What are the objectives of fiscal policy?

Fiscal policy can take one of two forms:

  • Reflationary fiscal policy.

  • Deflationary fiscal policy.

Reflationary or expansionary fiscal policy

Demand-side fiscal policy can be expansionary or reflationary, which aims to increase aggregate demand (AD) by increasing government spending and/or decreasing taxes.

This policy aims to increase consumption by lowering tax rates, as consumers now have a higher disposable income. Expansionary fiscal policy is used to close recessionary gaps and tends to increase the budget deficit as the government borrows more to spend more.

Remember AD = C + I + G + (X - M).

The policy results in the AD curve shifting to the right and the economy moving to a new equilibrium (from point A to point B) as national output (Y1 to Y2) and price level (P1 to P2) increase. You can see this in Figure 1 below.

Expansionary Fiscal Policy StudySmarter OriginalsFigure 1. Expansionary Fiscal Policy, StudySmarter Originals

Deflationary or contractionary fiscal policy

Demand-side fiscal policy can also be contractionary or deflationary. This aims to decrease aggregate demand in the economy by decreasing government spending and/or increasing taxes.

This policy aims to decrease the budget deficit and discourage consumption, as consumers now have lower disposable income. Governments use contractionary policy to decrease AD and close inflationary gaps.

The policy results in the AD curve shifting to the left and the economy moving to a new equilibrium (from point A to point B) as national output (Y1 to Y2) and price level (P1 to P2) decrease. You can see this in Figure 2 below.

Contractionary Fiscal Policy StudySmarter OriginalsFigure 2. Contractionary Fiscal Policy, StudySmarter Originals

Government budget and fiscal policy

To further understand fiscal policy, we first need to take a look at the budgetary positions a government can take (where G stands for government spending and T for taxation):

  1. G = T The budget is balanced, so government expenditure is equal to revenues from taxation.
  2. G> T The government is running a budget deficit, as government expenditure is higher than tax revenues.
  3. G <T The government is running a budget surplus, as government expenditure is lower than tax revenues.

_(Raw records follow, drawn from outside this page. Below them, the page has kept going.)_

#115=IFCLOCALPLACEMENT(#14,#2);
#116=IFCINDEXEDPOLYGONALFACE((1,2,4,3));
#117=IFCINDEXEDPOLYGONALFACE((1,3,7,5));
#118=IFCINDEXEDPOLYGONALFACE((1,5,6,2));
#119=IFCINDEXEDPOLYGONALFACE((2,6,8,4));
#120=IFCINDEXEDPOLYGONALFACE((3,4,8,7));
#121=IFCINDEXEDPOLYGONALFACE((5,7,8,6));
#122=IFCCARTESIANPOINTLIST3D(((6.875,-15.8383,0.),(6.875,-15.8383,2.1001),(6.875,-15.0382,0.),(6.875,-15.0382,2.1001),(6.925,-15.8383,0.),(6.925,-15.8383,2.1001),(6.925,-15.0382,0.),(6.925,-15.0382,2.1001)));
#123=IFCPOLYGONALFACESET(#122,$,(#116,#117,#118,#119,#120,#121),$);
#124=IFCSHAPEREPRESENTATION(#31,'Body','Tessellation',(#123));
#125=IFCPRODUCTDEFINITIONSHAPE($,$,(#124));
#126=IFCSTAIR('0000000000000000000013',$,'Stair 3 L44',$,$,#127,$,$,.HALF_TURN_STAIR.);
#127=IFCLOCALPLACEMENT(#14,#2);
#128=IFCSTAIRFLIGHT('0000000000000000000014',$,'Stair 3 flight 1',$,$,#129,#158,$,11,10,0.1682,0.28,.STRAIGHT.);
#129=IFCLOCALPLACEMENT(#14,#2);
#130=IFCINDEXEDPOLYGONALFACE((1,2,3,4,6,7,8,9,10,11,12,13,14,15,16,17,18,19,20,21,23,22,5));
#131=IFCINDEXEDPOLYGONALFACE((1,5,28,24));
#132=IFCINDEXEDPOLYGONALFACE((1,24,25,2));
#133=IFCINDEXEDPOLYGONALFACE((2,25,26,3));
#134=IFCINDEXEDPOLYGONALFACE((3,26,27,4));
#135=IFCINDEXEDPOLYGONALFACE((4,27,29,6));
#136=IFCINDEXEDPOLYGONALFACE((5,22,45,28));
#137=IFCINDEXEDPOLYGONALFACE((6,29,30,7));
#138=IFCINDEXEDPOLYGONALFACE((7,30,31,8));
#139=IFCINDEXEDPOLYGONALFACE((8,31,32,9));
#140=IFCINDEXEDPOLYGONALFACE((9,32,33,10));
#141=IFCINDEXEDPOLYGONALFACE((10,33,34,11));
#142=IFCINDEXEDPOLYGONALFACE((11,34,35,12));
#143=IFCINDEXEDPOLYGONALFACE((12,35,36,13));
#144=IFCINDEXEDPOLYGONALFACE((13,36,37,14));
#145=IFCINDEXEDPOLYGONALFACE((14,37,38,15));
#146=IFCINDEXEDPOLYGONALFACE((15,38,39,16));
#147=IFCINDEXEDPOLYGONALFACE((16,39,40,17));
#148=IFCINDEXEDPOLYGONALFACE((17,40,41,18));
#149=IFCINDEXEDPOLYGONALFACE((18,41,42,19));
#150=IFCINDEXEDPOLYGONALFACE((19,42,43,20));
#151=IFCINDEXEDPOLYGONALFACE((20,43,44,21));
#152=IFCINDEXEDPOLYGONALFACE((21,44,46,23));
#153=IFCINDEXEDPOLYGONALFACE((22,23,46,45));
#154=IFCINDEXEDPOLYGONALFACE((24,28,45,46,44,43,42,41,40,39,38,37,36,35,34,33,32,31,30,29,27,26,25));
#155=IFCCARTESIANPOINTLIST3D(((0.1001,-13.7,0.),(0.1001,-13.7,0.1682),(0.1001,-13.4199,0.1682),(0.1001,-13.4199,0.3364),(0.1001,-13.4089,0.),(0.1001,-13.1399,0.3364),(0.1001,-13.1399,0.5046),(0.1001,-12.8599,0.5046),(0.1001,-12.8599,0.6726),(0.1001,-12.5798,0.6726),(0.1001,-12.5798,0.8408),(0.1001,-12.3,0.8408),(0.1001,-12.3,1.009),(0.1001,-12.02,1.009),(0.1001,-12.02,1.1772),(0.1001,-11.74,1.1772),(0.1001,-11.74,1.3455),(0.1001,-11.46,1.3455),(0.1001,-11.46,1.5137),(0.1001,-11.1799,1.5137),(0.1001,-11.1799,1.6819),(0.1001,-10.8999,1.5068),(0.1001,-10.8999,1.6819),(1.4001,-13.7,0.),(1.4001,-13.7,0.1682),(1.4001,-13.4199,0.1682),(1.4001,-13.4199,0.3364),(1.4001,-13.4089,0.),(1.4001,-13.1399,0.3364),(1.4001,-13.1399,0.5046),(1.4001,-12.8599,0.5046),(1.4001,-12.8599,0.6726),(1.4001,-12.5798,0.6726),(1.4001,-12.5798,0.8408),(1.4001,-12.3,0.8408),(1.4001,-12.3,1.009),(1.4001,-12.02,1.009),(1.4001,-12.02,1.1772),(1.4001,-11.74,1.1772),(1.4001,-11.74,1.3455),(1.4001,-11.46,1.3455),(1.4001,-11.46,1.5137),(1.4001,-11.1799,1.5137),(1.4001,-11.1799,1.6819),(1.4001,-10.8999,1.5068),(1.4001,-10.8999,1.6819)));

Structural and cyclical budget position

The structural budget position is the economy’s long-term fiscal position. It includes the budgetary position throughout the entirety of the economic cycle.

The cyclical budget position is the economy’s short-term fiscal position. The economy’s current position in the economic cycle, like a boom or a recession, defines it.

Structural budget deficit and surplus

As the structural deficit is not related to the current state of the economy, it doesn’t get resolved when the economy recovers. A structural deficit is not automatically followed by a surplus, as this type of deficit changes the structure of the entire economy.

A structural deficit suggests that even after considering cyclical fluctuations in the economy, government spending is still being financed by borrowing. Moreover, it indicates that government borrowing will soon become less sustainable and increasingly more expensive due to increased debt interest payments.

An increasing structural deficit implies the government will have to impose stricter policies to improve finances in the public sector and balance its budgetary position. These may include a significant increase in taxation and/or a decrease in public expenditure.

Cyclical budget deficit and surplus

Cyclical deficits occur during a recession in the economic cycle. This is often followed by a cyclical budget surplus when the economy recovers.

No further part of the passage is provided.